Poésie, Plaisir des mots, bonheur des phrases et joie des idées, à partager avec chaque lecteur
Entre deux édredons ou sur les canapés
J'exerce mon talent, et mes griffes funestes
Aux arbres de la jungle, à mes cousins drapés
De grisante fourrure, arrachent sur les vestes
Trois ou quatre boutons et le dernier lacet
De l'auguste chaussure ; extrayant le cardage
Hypocrite et usé du fauteuil où, qui sait?
En sautant sur ses bras je m'oublierai l'ôtage
D'une prison d'acier, je reverrai les bois
Et l'écorce rugueuse où j'aimais en souplesse
M'accrocher, tel un lierre toujours aux abois
D'altitude neuve, comme tringle qui blesse
Ma soif de troncs, de fleurs, et ce triste plafond
Que j'atteindrais d'un bond, oh! si bas... ne m'enchante
Autant que l'arche bleue sur le soleil qui fond
Parmi les infinis dont le rêve me hante...

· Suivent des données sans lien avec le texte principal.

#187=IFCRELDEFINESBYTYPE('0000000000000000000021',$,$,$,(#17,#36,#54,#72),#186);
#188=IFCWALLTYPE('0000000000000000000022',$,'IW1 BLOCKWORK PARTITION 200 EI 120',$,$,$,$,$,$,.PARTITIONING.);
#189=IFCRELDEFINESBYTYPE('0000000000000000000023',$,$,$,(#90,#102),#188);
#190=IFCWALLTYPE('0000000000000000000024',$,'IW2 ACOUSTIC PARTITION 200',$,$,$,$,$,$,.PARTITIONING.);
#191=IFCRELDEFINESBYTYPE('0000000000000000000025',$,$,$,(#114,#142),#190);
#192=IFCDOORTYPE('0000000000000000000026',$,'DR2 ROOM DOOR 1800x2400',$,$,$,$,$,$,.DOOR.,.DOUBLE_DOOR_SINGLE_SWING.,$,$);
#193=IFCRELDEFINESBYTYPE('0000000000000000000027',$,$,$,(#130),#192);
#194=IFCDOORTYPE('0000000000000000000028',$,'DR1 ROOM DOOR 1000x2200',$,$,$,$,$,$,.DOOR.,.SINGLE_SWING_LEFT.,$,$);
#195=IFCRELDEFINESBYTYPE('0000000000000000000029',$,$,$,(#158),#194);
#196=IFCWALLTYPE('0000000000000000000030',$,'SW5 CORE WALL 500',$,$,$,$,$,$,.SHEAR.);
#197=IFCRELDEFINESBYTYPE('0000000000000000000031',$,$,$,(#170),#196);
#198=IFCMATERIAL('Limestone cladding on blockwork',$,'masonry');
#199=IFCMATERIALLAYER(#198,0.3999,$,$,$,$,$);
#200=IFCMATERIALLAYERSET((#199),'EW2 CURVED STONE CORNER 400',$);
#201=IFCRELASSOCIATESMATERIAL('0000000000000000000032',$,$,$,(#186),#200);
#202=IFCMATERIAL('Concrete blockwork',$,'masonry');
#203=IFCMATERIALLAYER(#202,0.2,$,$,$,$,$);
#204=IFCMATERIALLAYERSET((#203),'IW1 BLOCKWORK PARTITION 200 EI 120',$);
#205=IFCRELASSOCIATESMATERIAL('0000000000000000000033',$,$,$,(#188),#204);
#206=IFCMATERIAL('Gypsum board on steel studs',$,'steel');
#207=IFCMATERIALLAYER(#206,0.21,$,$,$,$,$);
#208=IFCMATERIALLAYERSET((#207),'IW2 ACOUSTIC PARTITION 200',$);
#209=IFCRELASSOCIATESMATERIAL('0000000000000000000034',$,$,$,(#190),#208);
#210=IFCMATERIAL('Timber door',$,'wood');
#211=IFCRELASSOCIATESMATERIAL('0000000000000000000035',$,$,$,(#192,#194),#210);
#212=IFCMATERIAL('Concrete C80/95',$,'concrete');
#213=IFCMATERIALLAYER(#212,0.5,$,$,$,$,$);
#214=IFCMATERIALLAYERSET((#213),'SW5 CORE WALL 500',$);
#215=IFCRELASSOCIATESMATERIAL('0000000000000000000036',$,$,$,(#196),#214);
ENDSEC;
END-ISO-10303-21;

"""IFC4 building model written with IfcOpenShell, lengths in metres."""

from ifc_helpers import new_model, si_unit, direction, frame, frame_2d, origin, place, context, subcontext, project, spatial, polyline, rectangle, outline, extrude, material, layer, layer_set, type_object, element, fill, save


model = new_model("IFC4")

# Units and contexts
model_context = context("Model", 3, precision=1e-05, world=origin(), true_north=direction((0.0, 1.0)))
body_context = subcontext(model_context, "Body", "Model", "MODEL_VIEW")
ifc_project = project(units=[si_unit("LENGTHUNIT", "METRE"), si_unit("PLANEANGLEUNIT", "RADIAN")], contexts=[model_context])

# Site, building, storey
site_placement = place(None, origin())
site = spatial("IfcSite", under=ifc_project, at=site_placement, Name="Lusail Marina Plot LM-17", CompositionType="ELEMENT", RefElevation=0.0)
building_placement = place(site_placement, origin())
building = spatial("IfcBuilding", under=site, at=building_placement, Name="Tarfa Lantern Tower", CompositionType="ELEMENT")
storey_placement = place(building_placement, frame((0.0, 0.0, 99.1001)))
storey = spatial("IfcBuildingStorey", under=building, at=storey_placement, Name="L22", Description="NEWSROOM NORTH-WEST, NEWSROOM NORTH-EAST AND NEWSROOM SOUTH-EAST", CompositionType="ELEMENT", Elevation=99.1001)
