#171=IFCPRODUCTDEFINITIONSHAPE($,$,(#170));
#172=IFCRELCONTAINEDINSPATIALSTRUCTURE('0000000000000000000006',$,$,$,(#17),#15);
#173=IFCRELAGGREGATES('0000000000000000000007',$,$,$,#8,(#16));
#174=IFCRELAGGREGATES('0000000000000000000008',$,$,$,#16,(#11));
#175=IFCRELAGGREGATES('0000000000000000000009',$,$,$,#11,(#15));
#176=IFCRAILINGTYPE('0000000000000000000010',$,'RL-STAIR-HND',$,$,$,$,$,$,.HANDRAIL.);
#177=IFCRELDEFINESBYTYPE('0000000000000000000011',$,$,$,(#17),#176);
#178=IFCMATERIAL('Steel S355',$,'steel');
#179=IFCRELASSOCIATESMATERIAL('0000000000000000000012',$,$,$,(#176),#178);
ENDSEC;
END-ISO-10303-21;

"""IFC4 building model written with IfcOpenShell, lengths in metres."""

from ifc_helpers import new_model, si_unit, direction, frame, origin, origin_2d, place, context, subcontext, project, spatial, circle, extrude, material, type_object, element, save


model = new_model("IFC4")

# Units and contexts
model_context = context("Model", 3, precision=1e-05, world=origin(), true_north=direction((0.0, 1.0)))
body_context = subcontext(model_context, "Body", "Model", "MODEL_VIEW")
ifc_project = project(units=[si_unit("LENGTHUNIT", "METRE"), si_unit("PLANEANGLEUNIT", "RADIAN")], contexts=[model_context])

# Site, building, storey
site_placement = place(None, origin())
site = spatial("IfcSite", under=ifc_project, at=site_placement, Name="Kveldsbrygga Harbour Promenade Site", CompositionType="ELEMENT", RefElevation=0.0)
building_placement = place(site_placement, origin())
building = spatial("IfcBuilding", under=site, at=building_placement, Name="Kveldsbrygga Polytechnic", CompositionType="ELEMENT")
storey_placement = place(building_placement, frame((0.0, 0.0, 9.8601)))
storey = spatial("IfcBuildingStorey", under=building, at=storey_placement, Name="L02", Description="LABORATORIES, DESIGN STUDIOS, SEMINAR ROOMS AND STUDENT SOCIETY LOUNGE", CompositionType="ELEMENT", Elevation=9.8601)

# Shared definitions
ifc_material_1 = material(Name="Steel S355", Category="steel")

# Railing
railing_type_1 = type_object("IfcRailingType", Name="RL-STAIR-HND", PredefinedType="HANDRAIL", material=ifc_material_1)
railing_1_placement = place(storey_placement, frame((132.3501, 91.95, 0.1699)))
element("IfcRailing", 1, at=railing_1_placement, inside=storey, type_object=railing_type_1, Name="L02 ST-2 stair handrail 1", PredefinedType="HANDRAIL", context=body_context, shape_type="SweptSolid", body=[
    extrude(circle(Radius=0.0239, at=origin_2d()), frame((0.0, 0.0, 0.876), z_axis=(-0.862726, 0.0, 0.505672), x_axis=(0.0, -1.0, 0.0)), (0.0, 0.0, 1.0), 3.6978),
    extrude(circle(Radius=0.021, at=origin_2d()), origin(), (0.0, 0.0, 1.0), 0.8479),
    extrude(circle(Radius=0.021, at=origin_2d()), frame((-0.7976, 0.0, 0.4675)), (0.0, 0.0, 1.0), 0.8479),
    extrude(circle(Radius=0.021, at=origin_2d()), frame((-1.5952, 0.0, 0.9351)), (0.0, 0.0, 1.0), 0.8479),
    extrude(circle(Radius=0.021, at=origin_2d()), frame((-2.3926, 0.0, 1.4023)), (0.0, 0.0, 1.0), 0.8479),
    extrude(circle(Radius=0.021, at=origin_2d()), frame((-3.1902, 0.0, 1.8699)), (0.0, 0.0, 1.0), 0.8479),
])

Alors que caracole, fruit de passion
La liberté si chère et de verte parure
Je mange dans un plat qui fait sécession
A tous mes horizons par si faible mesure,
Je me fais caresser l'encolure et le dos
Comme domestiqué, pour quelque faribole
Croyez-vous ma rage perdue, pauvres badauds
Souriant vainement d'une face si molle
A ce mufle orgueilleux qui soumit des Titans?
Gadoue! Humiliation! Voyez mon souffle
Plus profond, plus ardent, revivant ces printemps
Et d'autres hivers où, du revers d'une moufle
J'inscrivais mes carnages au fil du chemin...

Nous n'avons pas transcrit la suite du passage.